En 2012, on pouvait interpréter l’opposition du clan Petraeus-Clinton à la paix comme une volonté de profiter au maximum de la supériorité militaire US. Mais avec le développement des nouvelles armes russes, cela n’a plus de sens. Dès lors, la seule interprétation possible est le pari de provoquer sans tarder un affrontement mondial, sachant que les Occidentaux pourraient éventuellement encore le gagner ; chose qu’ils ne pourraient aucunement espérer lorsque la Chine sera capable d’aligner également son armée.
Comme lors de la Conférence de Genève, la France est intervenue dès la résolution 2254 adoptée. Son ministre des Affaires étrangères, Laurent Fabius, a à nouveau déclaré que si tous les groupes d’opposition devaient pouvoir participer à la transition en Syrie, le seul président el-Assad devait en être exclu ; une idée contraire aux principes du Communiqué de Genève et de la résolution 2254.
Si l’on pouvait interpréter, en 2012, la position française comme une volonté de changer le régime en substituant un gouvernement des Frères musulmans à celui du Baas, dans la continuité du renversement des régimes laïques arabes (« Printemps arabe ») ; ou comme une tentative de « faire saigner l’armée syrienne » pour faciliter la domination régionale par Israël ; ou tout simplement comme une ambition de recolonisation ; ce n’est plus possible aujourd’hui parce que chacun de ces trois objectifs passe par une guerre contre la Russie.
La France instrumente la question syrienne pour le compte des faucons libéraux et des néo-conservateurs US. Ce faisant, elle est soutenue par les sionistes messianistes qui, comme Benjamin Netanyahu, considèrent comme un devoir religieux de hâter la venue du Messie en provoquant l’affrontement eschatologique.
La paix en Syrie ou la Guerre nucléaire ?
Il serait extrêmement étonnant que les faucons libéraux, les néo-conservateurs et les sionistes messianiques parviennent à imposer leur politique aux deux Grands. Toutefois, il sera difficile de parvenir un résultat définitif avant janvier 2017 et l’arrivée d’un nouveau président à la Maison-Blanche. Dès lors, on comprend mieux le soutien affiché de Vladimir Poutine pour Donald Trump qui semble le mieux placé pour faire barrage à son amie Hillary Clinton [21].
En réalité, tout est prêt pour conclure une paix qui permette aux perdants de conserver la tête haute.
À retenir :
La Résolution 2253 interdit aux sponsors de Daech et d’al-Qaïda de poursuivre leur action.
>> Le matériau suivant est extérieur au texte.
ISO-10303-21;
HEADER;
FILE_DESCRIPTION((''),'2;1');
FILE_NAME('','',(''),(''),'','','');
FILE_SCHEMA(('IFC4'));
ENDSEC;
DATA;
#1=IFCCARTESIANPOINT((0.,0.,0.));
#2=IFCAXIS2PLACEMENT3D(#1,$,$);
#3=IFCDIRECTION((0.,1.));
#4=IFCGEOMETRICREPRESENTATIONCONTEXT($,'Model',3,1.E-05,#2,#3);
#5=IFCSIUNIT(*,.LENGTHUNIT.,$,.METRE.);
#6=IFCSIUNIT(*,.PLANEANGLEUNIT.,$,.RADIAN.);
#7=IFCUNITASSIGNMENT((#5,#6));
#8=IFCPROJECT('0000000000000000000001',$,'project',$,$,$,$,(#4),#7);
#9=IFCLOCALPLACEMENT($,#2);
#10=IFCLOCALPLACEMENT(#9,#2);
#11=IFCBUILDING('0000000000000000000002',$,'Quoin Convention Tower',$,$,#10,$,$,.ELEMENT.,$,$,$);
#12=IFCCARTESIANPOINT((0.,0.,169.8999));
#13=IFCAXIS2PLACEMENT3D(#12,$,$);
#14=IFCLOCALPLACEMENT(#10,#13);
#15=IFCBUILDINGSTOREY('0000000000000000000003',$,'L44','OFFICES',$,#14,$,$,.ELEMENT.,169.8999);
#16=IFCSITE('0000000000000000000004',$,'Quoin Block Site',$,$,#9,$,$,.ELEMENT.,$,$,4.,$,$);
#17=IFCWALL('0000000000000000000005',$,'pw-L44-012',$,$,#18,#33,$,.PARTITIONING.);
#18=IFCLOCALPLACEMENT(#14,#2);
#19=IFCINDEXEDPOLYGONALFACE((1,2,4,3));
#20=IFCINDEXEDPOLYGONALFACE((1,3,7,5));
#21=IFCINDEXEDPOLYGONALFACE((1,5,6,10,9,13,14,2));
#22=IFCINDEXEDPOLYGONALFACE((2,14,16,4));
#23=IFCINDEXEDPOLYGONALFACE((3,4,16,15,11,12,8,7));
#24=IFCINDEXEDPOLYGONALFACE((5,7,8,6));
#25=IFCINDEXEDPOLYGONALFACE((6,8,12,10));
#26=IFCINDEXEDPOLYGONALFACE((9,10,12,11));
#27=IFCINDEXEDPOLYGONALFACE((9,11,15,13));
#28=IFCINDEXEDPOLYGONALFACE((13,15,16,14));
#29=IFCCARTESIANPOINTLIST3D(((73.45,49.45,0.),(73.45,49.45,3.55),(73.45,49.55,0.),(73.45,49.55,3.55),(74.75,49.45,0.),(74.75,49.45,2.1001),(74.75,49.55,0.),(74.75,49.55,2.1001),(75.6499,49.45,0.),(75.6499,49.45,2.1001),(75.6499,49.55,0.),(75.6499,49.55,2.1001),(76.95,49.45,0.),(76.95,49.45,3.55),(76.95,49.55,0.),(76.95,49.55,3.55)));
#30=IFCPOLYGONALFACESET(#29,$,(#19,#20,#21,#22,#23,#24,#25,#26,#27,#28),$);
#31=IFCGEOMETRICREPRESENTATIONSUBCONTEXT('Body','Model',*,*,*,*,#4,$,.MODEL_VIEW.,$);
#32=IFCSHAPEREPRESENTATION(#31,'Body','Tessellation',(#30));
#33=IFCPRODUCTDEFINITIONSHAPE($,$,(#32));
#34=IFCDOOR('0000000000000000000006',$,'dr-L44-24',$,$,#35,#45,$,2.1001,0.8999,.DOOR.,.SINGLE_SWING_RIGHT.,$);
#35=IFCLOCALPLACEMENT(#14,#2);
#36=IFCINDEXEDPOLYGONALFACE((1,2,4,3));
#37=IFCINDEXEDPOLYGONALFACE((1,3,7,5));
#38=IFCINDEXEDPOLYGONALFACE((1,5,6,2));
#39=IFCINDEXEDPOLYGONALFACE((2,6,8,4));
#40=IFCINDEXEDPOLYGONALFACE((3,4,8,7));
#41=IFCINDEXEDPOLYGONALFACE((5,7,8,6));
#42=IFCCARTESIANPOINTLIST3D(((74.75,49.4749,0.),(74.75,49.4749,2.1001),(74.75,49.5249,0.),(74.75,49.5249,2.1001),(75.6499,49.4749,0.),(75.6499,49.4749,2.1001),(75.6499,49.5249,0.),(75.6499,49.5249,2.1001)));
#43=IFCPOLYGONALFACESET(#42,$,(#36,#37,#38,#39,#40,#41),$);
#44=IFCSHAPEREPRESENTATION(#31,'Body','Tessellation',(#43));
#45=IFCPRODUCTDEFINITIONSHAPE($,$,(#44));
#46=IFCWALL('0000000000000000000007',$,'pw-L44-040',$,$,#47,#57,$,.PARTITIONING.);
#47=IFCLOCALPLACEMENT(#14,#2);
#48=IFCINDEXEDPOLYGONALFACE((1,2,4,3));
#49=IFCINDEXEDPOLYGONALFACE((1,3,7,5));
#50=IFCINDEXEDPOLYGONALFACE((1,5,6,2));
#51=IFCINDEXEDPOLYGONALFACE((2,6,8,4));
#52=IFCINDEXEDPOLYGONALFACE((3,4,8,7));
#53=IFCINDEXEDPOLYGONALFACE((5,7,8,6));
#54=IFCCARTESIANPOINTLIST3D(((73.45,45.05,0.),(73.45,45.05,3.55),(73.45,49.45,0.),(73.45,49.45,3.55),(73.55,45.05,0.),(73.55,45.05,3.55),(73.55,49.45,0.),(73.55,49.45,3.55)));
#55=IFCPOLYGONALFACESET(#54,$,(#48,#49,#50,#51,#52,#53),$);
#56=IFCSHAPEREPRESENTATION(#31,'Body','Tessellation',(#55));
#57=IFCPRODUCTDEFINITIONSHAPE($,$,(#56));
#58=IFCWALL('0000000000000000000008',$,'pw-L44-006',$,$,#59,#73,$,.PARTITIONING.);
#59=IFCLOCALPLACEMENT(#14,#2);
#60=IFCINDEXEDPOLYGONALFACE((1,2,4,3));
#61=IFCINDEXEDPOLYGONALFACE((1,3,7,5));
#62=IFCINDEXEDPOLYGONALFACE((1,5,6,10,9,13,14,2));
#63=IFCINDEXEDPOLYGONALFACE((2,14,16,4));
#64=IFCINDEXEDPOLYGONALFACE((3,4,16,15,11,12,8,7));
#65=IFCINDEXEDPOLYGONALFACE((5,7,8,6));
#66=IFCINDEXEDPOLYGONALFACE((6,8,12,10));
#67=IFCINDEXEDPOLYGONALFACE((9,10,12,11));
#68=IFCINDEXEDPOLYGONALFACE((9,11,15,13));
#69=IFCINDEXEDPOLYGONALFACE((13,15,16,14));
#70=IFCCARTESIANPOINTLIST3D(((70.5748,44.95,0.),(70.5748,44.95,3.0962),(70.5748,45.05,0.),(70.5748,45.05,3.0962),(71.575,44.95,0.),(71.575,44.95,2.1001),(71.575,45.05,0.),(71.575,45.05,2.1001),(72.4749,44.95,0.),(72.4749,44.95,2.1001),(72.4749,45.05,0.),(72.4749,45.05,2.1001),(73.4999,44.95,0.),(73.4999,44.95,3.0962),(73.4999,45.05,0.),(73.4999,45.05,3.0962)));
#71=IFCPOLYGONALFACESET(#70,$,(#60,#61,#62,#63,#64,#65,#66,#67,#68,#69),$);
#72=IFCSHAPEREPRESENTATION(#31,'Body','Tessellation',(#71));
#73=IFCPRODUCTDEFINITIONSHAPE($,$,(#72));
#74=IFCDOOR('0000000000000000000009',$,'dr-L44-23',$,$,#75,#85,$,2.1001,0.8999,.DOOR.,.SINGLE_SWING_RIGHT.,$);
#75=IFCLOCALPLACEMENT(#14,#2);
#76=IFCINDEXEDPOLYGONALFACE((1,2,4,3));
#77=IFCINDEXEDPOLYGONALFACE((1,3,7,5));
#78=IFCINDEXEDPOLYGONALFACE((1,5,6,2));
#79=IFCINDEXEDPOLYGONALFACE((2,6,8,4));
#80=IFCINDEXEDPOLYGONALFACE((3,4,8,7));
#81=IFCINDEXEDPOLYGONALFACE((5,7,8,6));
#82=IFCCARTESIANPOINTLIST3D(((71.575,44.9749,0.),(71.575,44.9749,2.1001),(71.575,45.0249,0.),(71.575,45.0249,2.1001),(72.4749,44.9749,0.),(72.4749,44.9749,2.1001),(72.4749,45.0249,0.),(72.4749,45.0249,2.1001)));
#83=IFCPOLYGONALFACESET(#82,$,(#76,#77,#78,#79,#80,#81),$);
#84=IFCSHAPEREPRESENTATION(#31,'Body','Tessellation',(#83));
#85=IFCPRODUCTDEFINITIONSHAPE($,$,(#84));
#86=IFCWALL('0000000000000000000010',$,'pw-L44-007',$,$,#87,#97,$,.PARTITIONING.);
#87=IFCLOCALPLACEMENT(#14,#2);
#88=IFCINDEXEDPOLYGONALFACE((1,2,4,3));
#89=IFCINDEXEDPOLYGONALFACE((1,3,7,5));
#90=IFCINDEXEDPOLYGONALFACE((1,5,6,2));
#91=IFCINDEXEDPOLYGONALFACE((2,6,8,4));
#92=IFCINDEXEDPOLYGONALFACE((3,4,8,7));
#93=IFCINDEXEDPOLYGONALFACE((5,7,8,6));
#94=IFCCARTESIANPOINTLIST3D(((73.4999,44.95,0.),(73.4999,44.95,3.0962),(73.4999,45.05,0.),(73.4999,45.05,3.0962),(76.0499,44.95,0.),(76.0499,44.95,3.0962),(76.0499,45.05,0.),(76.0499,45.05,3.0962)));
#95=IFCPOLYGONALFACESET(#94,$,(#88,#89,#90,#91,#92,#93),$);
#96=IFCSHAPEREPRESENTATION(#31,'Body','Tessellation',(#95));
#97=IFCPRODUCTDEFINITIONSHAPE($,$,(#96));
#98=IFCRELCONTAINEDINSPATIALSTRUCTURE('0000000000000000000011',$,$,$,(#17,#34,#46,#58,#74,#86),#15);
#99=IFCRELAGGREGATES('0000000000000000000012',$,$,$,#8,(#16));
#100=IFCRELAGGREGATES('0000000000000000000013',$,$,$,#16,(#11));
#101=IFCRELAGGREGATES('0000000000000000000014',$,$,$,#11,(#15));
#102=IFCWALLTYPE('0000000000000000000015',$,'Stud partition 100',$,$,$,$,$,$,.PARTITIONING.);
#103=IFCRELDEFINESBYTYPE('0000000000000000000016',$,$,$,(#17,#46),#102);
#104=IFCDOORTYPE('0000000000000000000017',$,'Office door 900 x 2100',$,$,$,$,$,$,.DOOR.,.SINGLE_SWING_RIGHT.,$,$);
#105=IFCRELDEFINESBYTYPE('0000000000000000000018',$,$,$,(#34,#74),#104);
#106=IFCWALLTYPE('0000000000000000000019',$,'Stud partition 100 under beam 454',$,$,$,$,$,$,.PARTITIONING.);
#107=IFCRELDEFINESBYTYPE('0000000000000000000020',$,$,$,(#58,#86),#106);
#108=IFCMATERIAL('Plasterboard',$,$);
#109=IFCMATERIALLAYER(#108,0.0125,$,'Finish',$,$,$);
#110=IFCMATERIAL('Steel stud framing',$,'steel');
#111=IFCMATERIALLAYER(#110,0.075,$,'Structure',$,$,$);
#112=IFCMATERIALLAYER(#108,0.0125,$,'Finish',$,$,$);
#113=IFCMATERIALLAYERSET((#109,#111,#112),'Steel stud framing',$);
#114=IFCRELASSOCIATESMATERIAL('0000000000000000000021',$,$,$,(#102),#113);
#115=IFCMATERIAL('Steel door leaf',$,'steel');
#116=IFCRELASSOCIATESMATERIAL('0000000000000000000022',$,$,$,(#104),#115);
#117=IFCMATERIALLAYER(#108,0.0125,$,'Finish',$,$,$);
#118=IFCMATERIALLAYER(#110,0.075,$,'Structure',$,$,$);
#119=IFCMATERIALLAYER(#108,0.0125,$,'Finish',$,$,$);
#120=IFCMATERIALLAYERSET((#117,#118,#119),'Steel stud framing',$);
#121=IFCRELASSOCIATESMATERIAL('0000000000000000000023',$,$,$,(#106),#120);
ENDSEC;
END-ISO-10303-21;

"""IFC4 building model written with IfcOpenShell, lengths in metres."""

from ifc_helpers import new_model, si_unit, direction, frame, frame_2d, origin, place, context, subcontext, project, spatial, rectangle, extrude, material, layer, layer_set, type_object, element, fill, save


model = new_model("IFC4")

# Units and contexts
model_context = context("Model", 3, precision=1e-05, world=origin(), true_north=direction((0.0, 1.0)))
body_context = subcontext(model_context, "Body", "Model", "MODEL_VIEW")
ifc_project = project(units=[si_unit("LENGTHUNIT", "METRE"), si_unit("PLANEANGLEUNIT", "RADIAN")], contexts=[model_context])

# Site, building, storey
site_placement = place(None, origin())
site = spatial("IfcSite", under=ifc_project, at=site_placement, Name="Quoin Block Site", CompositionType="ELEMENT", RefElevation=4.0)
building_placement = place(site_placement, origin())
building = spatial("IfcBuilding", under=site, at=building_placement, Name="Quoin Convention Tower", CompositionType="ELEMENT")
storey_placement = place(building_placement, frame((0.0, 0.0, 169.8999)))
storey = spatial("IfcBuildingStorey", under=building, at=storey_placement, Name="L44", Description="OFFICES", CompositionType="ELEMENT", Elevation=169.8999)

# Shared definitions
ifc_material_1 = material(Name="Plasterboard")
ifc_material_2 = material(Name="Steel stud framing", Category="steel")

# Wall, opening, door
ifc_material_3 = material(Name="Steel door leaf", Category="steel")
ifc_layer_1 = layer(ifc_material_1, 0.0125, Name="Finish")
ifc_layer_2 = layer(ifc_material_2, 0.075, Name="Structure")
ifc_layer_3 = layer(ifc_material_1, 0.0125, Name="Finish")
ifc_layer_set_1 = layer_set([ifc_layer_1, ifc_layer_2, ifc_layer_3], Name="Steel stud framing")
wall_type_1 = type_object("IfcWallType", Name="Stud partition 100", PredefinedType="PARTITIONING", material=ifc_layer_set_1)
wall_1_placement = place(storey_placement, frame((73.45, 49.5, 0.0), z_axis=(0.0, 0.0, 1.0), x_axis=(1.0, 0.0, 0.0)))
wall_1 = element("IfcWall", 1, at=wall_1_placement, inside=storey, type_object=wall_type_1, Name="pw-L44-012", PredefinedType="PARTITIONING", context=body_context, shape_type="SweptSolid", body=[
La Résolution 2254 confirme le Communiqué de Genève de juin 2012. Les deux Grands s’accordent pour maintenir la République arabe syrienne et soutenir un gouvernement d’union nationale.
L’opposition armée soutenue par l’Arabie saoudite a élu l’ancien Premier ministre bassiste Riad Hijab, en fonction à l’époque du Communiqué de Genève, pour conduire sa délégation. Tandis que la Russie a conclu un accord avec l’Armée syrienne libre et son sponsor, la France.
Tout est prêt pour conclure une paix qui permette aux perdants de garder la tête haute. Mais, comme en 2012, la France a relancé ses exigences dès la Résolution 2254 adoptée.